El tema de la luz domina las solemnidades de la Navidad y de la Epifanía, que antiguamente -y aún hoy en Oriente- estaban unidas en una sola y gran «fiesta de la luz». En el clima sugestivo de la Noche santa apareció la luz; nació Cristo, «luz de los pueblos». Él es el «sol que nace de lo alto» (Lc 1, 78), el sol que vino al mundo para disipar las tinieblas del mal e inundarlo con el esplendor del amor divino. El evangelista san Juan escribe: «La luz verdadera, viniendo a este mundo, ilumina a todo hombre» (Jn 1, 9).

«Deus lux est, Dios es luz», recuerda también san Juan, sintetizando no una teoría gnóstica, sino «el mensaje que hemos oído de él» (1 Jn 1, 5), es decir, de Jesús. En el evangelio recoge las palabras que oyó de los labios del Maestro: «Yo soy la luz del mundo; el que me siga no caminará en la oscuridad, sino que tendrá la luz de la vida» (Jn 8, 12).

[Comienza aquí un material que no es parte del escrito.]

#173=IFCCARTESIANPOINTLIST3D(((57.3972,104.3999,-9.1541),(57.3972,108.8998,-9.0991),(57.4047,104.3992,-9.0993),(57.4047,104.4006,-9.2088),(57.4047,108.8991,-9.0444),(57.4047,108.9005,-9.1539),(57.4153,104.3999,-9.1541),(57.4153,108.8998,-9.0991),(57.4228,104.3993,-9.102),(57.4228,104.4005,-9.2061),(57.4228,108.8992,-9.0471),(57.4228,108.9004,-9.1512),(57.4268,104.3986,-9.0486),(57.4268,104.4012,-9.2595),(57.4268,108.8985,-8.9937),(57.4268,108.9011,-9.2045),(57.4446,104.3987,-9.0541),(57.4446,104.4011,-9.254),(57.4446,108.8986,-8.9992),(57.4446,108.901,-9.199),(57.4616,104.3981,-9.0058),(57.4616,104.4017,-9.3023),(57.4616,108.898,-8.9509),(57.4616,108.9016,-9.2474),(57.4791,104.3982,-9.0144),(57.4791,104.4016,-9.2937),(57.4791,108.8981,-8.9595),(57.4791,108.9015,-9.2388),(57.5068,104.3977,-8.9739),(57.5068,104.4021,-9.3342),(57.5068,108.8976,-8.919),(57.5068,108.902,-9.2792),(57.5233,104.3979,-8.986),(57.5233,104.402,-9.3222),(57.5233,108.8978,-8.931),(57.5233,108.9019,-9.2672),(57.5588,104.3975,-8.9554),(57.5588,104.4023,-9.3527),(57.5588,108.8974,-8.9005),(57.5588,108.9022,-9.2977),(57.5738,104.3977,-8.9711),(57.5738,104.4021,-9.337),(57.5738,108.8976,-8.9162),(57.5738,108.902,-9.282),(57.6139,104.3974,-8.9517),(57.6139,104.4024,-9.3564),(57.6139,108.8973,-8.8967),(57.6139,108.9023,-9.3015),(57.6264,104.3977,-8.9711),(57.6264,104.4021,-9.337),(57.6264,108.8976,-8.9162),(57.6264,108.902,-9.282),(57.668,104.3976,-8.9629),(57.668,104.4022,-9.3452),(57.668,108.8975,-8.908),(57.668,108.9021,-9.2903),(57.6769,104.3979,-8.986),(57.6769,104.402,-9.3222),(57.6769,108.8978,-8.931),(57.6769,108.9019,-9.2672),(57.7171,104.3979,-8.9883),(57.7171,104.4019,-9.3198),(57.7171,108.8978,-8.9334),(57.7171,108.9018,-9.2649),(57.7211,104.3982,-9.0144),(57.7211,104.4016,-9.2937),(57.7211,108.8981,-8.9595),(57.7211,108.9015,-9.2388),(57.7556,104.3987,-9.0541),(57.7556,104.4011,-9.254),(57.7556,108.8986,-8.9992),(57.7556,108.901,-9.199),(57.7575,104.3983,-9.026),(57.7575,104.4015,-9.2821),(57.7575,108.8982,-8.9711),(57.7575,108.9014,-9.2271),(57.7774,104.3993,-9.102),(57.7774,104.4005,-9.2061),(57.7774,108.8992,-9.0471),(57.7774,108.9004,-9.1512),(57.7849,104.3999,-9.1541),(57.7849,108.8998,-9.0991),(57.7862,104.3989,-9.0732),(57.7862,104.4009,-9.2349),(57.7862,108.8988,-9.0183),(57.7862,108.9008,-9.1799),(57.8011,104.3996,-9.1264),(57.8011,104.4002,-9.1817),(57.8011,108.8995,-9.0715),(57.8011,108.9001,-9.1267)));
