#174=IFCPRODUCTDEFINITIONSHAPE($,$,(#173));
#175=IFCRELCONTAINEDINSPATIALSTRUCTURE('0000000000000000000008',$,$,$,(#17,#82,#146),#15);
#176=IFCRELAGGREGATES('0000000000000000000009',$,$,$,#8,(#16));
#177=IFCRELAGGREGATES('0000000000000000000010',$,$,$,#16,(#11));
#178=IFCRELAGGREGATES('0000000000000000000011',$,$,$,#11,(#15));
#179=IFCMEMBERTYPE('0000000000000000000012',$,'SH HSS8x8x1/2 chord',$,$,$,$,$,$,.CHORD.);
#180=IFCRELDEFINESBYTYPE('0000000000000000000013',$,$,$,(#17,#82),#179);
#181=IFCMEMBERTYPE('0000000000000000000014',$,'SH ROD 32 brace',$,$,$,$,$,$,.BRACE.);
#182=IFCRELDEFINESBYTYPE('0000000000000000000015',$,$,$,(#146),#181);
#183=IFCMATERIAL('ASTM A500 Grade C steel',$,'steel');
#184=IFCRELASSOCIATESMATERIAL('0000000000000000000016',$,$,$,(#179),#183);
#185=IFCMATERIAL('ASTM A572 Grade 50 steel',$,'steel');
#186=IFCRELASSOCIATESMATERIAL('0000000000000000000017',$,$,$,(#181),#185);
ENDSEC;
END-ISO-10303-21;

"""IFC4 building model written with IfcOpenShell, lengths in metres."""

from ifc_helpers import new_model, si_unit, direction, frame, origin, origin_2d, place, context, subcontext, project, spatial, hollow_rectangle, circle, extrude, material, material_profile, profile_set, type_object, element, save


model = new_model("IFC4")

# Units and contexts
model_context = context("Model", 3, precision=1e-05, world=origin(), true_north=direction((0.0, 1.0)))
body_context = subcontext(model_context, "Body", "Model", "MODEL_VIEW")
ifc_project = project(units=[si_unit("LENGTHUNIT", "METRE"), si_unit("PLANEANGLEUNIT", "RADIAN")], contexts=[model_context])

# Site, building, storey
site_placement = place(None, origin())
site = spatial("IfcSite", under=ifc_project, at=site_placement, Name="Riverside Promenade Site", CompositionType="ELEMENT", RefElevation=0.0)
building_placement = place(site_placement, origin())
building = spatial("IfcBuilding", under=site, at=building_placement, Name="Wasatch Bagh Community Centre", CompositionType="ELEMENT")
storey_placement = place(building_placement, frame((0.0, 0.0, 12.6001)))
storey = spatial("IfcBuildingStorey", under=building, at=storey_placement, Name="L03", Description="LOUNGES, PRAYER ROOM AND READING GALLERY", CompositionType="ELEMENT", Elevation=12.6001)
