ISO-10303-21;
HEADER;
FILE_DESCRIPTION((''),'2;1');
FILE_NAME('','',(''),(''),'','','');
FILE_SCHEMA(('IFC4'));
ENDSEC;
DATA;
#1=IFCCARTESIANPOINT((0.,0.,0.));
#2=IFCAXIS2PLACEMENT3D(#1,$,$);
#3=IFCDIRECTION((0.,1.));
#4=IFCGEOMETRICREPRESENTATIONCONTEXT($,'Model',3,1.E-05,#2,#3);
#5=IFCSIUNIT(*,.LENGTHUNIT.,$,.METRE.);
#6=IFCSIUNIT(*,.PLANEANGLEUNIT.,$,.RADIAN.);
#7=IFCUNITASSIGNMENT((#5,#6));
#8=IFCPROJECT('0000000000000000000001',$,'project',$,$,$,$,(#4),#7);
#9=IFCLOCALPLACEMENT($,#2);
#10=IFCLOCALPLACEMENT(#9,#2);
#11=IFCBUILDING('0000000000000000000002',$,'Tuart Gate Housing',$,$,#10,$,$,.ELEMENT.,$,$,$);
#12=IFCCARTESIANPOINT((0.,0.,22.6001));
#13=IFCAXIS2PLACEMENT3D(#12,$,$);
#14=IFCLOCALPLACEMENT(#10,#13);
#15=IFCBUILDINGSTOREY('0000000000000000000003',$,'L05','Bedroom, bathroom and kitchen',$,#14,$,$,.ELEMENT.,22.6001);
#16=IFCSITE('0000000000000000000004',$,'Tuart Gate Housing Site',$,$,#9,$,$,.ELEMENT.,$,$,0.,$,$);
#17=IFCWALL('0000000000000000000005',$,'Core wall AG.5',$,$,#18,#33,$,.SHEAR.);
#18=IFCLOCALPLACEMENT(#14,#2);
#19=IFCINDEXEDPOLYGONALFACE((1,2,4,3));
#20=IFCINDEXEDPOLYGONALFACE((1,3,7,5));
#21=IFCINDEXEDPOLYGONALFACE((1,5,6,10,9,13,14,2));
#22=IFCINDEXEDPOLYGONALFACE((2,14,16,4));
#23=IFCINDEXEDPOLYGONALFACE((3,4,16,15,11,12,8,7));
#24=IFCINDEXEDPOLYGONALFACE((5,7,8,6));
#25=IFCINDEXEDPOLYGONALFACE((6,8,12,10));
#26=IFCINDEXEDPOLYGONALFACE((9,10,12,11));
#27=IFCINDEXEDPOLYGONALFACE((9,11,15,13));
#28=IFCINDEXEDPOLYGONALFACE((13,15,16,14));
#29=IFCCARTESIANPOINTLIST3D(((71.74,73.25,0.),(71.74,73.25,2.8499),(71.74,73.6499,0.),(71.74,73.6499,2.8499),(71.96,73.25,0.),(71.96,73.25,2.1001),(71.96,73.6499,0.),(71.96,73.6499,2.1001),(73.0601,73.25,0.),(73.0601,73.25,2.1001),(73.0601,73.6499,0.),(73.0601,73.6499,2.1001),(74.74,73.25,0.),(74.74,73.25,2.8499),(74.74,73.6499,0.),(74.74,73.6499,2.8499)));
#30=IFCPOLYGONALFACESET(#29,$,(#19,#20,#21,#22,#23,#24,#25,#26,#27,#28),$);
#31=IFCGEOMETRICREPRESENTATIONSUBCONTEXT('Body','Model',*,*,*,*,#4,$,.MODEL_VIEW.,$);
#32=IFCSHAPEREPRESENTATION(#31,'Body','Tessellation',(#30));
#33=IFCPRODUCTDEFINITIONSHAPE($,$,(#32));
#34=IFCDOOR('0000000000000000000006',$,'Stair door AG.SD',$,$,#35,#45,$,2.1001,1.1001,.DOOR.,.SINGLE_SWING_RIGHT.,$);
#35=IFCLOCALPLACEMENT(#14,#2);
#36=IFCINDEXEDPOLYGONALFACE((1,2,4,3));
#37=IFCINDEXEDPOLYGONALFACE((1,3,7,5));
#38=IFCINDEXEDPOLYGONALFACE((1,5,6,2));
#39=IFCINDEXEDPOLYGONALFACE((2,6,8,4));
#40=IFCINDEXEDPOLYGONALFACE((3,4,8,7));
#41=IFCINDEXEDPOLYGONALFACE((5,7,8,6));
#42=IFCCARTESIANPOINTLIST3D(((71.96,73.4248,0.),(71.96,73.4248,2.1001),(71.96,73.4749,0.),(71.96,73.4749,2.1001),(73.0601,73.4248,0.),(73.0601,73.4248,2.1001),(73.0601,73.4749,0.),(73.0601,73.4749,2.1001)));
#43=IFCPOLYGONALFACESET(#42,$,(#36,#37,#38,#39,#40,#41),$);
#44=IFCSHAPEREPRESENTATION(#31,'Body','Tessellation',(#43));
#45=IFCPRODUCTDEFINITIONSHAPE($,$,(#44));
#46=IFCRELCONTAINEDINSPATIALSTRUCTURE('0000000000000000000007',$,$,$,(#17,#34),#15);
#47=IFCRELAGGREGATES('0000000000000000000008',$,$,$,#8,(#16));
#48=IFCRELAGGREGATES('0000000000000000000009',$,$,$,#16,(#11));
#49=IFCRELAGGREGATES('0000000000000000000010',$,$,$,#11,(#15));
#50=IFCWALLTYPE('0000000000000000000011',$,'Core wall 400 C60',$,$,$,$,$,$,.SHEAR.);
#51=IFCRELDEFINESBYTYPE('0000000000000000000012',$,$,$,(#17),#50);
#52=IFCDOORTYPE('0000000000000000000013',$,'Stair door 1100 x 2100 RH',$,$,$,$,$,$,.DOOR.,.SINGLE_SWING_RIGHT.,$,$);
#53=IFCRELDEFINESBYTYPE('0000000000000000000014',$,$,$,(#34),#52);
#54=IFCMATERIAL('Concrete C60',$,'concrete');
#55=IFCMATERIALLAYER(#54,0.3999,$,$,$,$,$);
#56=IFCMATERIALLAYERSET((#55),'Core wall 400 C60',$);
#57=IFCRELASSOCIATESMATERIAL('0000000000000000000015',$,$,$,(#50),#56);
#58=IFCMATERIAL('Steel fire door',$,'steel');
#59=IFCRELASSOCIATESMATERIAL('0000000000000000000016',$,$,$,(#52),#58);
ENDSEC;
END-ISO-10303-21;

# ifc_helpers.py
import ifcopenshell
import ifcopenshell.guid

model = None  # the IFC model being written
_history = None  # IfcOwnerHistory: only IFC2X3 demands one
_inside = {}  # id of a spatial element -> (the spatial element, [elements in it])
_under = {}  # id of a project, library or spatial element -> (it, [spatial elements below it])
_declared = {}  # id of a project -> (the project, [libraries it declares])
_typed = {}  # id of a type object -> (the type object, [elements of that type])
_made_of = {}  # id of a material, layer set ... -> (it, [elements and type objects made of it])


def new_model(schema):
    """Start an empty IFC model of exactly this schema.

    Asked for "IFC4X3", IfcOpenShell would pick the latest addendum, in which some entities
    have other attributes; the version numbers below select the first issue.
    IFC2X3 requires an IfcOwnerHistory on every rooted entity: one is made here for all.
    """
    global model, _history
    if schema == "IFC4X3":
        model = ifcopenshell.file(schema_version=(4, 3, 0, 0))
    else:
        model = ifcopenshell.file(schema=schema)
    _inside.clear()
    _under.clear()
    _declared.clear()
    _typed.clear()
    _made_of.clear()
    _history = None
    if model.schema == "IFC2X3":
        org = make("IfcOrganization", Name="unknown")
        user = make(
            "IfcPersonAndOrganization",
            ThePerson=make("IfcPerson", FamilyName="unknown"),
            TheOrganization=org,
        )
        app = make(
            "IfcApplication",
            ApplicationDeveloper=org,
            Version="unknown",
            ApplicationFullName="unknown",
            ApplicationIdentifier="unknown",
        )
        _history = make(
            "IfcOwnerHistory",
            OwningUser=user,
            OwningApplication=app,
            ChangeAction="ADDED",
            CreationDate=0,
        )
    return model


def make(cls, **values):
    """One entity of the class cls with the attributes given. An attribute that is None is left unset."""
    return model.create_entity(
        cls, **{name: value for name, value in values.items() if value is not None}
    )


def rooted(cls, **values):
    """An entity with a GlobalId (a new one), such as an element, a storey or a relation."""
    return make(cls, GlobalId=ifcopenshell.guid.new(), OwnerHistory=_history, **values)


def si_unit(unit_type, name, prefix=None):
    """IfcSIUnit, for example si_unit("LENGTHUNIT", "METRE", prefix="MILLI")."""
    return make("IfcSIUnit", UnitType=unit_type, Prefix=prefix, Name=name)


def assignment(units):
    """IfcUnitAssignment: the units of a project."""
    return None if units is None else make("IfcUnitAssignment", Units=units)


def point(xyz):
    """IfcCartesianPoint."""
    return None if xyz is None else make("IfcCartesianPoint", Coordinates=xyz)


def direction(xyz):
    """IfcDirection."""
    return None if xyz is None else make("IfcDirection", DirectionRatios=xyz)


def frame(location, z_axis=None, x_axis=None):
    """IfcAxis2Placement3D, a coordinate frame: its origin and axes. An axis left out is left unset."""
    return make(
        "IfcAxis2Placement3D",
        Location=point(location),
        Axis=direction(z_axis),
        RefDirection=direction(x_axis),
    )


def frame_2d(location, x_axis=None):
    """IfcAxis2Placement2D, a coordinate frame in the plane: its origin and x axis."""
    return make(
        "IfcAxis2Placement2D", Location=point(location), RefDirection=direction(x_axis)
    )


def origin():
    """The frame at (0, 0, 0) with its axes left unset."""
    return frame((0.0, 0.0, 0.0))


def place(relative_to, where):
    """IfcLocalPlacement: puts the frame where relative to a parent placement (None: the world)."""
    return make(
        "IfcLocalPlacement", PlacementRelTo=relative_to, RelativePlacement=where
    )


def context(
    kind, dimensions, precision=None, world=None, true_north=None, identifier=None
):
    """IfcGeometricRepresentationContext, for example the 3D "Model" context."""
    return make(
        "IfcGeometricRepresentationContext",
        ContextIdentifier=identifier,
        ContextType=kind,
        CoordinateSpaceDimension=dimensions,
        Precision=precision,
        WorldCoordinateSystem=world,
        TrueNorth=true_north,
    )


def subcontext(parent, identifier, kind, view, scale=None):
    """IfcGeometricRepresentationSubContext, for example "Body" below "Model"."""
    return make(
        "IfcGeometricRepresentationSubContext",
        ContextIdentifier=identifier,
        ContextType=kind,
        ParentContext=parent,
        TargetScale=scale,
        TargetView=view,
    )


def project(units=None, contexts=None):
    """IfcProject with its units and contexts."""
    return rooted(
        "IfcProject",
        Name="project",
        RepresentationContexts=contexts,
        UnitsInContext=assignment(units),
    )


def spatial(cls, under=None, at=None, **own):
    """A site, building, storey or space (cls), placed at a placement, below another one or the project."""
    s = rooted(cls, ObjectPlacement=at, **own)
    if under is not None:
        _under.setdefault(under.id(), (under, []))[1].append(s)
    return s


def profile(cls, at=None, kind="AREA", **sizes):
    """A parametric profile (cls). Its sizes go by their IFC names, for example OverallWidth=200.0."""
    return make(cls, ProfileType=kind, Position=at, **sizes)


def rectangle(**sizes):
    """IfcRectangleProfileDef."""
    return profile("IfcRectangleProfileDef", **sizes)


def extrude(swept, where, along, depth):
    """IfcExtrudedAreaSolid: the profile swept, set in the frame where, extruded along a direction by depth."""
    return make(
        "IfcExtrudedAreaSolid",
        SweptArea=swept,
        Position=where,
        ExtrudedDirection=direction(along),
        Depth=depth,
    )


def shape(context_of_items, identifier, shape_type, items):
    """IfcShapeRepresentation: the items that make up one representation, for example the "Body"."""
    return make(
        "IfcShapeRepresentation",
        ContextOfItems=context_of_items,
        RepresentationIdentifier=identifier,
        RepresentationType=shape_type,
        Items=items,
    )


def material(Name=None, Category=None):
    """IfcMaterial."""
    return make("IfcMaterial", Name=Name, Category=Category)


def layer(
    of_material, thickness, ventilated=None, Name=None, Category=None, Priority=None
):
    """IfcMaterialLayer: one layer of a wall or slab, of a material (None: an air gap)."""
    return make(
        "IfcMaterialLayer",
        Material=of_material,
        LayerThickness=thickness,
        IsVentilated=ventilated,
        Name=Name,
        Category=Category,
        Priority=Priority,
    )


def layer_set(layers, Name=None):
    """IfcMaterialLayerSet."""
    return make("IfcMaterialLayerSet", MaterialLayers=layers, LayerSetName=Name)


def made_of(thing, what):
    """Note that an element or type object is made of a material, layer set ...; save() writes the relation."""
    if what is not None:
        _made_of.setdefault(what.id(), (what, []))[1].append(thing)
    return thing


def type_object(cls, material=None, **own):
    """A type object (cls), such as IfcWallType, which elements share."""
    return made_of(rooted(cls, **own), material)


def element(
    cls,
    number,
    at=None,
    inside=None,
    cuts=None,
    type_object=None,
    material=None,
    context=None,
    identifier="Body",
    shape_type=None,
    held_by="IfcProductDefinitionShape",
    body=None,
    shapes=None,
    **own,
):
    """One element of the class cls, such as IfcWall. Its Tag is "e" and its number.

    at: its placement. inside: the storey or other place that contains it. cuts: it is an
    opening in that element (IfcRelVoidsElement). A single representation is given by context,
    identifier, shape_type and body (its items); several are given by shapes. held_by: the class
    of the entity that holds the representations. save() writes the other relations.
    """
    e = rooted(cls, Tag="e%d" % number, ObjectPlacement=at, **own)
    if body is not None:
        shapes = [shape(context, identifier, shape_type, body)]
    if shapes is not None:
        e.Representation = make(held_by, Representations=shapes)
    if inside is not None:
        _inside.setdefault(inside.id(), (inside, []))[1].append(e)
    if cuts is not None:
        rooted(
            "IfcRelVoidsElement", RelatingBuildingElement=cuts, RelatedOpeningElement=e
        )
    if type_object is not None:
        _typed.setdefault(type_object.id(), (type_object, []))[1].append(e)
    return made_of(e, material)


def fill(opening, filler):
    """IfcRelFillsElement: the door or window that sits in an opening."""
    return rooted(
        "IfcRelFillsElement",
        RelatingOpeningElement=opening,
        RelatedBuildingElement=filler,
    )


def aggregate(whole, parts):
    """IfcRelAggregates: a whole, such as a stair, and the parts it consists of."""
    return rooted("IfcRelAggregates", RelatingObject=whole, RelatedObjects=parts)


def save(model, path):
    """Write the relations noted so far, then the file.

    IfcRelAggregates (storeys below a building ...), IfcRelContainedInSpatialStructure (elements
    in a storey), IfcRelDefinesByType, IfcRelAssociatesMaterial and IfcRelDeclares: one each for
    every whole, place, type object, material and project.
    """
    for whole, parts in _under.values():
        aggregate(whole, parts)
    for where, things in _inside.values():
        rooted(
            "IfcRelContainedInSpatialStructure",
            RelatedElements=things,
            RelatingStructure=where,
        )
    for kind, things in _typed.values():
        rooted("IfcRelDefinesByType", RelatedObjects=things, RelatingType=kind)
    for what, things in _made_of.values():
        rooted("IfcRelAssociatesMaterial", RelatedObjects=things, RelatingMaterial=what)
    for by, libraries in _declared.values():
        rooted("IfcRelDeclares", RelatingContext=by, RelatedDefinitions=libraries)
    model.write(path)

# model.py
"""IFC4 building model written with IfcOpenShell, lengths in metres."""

from ifc_helpers import new_model, si_unit, direction, frame, frame_2d, origin, place, context, subcontext, project, spatial, rectangle, extrude, material, layer, layer_set, type_object, element, fill, save


model = new_model("IFC4")

# Units and contexts
model_context = context("Model", 3, precision=1e-05, world=origin(), true_north=direction((0.0, 1.0)))
body_context = subcontext(model_context, "Body", "Model", "MODEL_VIEW")
ifc_project = project(units=[si_unit("LENGTHUNIT", "METRE"), si_unit("PLANEANGLEUNIT", "RADIAN")], contexts=[model_context])

# Site, building, storey
site_placement = place(None, origin())
site = spatial("IfcSite", under=ifc_project, at=site_placement, Name="Tuart Gate Housing Site", CompositionType="ELEMENT", RefElevation=0.0)
building_placement = place(site_placement, origin())
building = spatial("IfcBuilding", under=site, at=building_placement, Name="Tuart Gate Housing", CompositionType="ELEMENT")
storey_placement = place(building_placement, frame((0.0, 0.0, 22.6001)))
storey = spatial("IfcBuildingStorey", under=building, at=storey_placement, Name="L05", Description="Bedroom, bathroom and kitchen", CompositionType="ELEMENT", Elevation=22.6001)

# Wall, opening, door
ifc_material_1 = material(Name="Concrete C60", Category="concrete")
ifc_layer = layer(ifc_material_1, 0.3999)
ifc_layer_set = layer_set([ifc_layer], Name="Core wall 400 C60")
wall_type = type_object("IfcWallType", Name="Core wall 400 C60", PredefinedType="SHEAR", material=ifc_layer_set)
wall_placement = place(storey_placement, frame((71.74, 73.45, 0.0), z_axis=(0.0, 0.0, 1.0), x_axis=(1.0, 0.0, 0.0)))
wall = element("IfcWall", 1, at=wall_placement, inside=storey, type_object=wall_type, Name="Core wall AG.5", PredefinedType="SHEAR", context=body_context, shape_type="SweptSolid", body=[
    extrude(rectangle(XDim=3.0, YDim=0.3999, at=frame_2d((1.5, 0.0))), origin(), (0.0, 0.0, 1.0), 2.8499),
])
opening_placement = place(wall_placement, frame((0.22, 0.0, 0.0)))
opening = element("IfcOpeningElement", 2, at=opening_placement, cuts=wall, PredefinedType="OPENING", context=body_context, shape_type="SweptSolid", body=[
    extrude(rectangle(XDim=1.1001, YDim=2.1001, at=frame_2d((0.55, 1.05))), frame((0.0, 0.21, 0.0), z_axis=(0.0, -1.0, 0.0), x_axis=(1.0, 0.0, 0.0)), (0.0, 0.0, 1.0), 0.4199),
])
ifc_material_2 = material(Name="Steel fire door", Category="steel")
door_type = type_object("IfcDoorType", Name="Stair door 1100 x 2100 RH", OperationType="SINGLE_SWING_RIGHT", PredefinedType="DOOR", material=ifc_material_2)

Al encarnarse, el Hijo de Dios se manifestó como luz. No sólo luz externa, en la historia del mundo, sino también dentro del hombre, en su historia personal. Se hizo uno de nosotros, dando sentido y nuevo valor a nuestra existencia terrena. De este modo, respetando plenamente la libertad humana, Cristo se convirtió en «lux mundi, la luz del mundo». Luz que brilla en las tinieblas (cf. Jn 1, 5).

2. Hoy, solemnidad de la Epifanía, que significa «manifestación», se propone de nuevo con vigor el tema de la luz. Hoy el Mesías, que se manifestó en Belén a humildes pastores de la región, sigue revelándose como luz de los pueblos de todos los tiempos y de todos los lugares. Para los Magos, que acudieron de Oriente a adorarlo, la luz del «rey de los judíos que ha nacido» (Mt 2, 2) toma la forma de un astro celeste, tan brillante que atrae su mirada y los guía hasta Jerusalén. Así, les hace seguir los indicios de las antiguas profecías mesiánicas: «De Jacob avanza una estrella, un cetro surge de Israel…» (Nm 24, 17).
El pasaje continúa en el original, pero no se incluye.